Log expenses at the point of payment
When you pay a plumber, open the app and log it. Takes 30 seconds. The receipt photo goes in alongside it. By December, you have a complete, categorised expense record — not a stack of emails to sort through.
Run the report in January
With your income and expenses tracked throughout the year, generating the tax report takes one click. A clean PDF with income and expenses per property, sorted by category. That's what goes to your accountant.
The landlords who dread tax season are the ones who tracked nothing. The landlords who find it painless tracked everything automatically, one entry at a time.
RentDesk syncs with your bank via Plaid, automatically logs rent payments, lets you categorise expenses in seconds, and generates a tax-ready income and expense report for each property. Try it free for 14 days.
Frequently asked questions
When do I need to file taxes on rental income?
In the US, rental income is reported on Schedule E of your Form 1040, due by April 15 (or October 15 with an extension). In Canada, it's reported on Form T776, filed with your T1 personal return by April 30. If you're unsure of your specific deadline, check with a local accountant.
Do I need a separate bank account for my rental property?

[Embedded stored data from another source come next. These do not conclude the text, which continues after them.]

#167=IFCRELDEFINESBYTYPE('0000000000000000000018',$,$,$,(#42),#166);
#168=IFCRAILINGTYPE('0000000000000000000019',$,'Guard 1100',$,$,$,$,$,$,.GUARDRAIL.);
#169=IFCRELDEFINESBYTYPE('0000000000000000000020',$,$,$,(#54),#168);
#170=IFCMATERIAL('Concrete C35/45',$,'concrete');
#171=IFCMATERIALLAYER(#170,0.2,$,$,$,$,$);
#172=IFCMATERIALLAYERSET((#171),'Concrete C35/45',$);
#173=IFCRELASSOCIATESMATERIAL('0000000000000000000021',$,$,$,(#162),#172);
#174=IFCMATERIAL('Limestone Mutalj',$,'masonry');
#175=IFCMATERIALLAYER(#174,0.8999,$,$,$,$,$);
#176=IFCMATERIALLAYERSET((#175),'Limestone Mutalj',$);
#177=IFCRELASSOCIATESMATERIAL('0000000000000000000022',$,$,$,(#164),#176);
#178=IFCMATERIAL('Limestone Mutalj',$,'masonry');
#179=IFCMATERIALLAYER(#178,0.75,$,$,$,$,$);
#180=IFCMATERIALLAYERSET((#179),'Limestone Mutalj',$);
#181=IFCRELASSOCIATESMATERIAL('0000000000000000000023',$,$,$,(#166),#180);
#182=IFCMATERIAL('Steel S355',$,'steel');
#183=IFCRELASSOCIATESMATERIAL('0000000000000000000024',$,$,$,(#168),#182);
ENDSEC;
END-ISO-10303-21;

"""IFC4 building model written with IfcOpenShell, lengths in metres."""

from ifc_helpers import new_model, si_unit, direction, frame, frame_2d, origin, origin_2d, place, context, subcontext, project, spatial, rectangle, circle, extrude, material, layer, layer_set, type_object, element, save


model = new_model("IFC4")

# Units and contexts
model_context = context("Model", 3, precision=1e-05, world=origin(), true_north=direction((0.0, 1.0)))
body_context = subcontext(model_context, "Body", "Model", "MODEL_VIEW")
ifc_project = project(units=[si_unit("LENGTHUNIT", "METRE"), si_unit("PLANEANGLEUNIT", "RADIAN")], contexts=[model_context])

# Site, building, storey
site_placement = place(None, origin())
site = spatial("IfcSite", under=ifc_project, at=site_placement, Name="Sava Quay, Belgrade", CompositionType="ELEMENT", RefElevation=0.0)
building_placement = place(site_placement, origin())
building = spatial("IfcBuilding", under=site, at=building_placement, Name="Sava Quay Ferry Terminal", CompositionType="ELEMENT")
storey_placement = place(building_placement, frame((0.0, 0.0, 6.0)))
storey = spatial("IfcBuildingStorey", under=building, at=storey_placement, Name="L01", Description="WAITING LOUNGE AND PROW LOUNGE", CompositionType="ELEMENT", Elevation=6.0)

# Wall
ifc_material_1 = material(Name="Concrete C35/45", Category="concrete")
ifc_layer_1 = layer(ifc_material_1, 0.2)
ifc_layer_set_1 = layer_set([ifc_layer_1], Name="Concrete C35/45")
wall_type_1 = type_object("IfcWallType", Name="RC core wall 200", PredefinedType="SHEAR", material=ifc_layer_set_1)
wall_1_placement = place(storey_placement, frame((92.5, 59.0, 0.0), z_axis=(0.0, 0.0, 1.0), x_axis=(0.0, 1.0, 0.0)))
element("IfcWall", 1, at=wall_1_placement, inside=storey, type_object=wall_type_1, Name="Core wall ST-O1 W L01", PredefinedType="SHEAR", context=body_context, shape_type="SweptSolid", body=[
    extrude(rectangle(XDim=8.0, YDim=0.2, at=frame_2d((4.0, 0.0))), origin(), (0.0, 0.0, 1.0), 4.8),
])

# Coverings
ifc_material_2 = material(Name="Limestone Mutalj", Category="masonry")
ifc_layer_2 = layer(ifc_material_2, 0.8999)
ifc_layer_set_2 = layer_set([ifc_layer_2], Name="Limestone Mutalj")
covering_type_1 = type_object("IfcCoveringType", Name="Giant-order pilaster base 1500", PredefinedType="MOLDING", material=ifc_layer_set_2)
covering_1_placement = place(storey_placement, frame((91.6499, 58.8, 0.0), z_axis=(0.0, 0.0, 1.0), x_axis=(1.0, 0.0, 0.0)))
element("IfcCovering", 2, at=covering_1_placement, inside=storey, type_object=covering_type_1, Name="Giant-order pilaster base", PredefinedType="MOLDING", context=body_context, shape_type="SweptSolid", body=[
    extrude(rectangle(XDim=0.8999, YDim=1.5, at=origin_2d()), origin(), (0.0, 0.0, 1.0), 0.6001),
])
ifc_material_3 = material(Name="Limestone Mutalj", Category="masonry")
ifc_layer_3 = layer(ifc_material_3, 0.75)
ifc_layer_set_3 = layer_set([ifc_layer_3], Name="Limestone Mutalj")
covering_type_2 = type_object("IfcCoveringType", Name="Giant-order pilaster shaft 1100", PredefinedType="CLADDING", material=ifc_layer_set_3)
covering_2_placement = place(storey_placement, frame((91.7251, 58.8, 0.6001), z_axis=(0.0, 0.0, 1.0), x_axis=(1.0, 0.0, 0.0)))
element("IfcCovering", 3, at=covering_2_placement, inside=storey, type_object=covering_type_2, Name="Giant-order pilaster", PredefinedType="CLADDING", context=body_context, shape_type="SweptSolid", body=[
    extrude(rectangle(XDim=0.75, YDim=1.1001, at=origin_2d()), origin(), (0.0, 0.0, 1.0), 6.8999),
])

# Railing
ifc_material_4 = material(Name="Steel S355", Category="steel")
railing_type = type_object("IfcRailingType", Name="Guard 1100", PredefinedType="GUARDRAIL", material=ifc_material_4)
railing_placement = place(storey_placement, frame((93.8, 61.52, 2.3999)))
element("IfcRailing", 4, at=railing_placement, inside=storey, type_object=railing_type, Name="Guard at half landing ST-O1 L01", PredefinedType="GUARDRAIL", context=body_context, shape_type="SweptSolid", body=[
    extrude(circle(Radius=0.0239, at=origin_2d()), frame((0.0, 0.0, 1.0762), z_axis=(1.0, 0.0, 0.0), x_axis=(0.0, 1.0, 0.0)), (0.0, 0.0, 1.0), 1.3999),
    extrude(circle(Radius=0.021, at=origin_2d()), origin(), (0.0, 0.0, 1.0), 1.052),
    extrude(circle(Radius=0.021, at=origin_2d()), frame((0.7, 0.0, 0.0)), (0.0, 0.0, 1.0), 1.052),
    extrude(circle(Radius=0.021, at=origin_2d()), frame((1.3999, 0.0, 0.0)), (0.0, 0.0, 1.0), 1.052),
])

You're not legally required to, but it makes tax preparation dramatically easier. A dedicated rental account means every transaction is clearly in or out of the rental business — no sifting through personal expenses to find the plumber invoice from March.
What records should I keep for rental property taxes?
Keep records of all rental income received, all expenses paid (with receipts), mortgage statements showing interest paid, property tax notices, and any capital improvement records. The CRA and IRS both recommend keeping records for at least six years.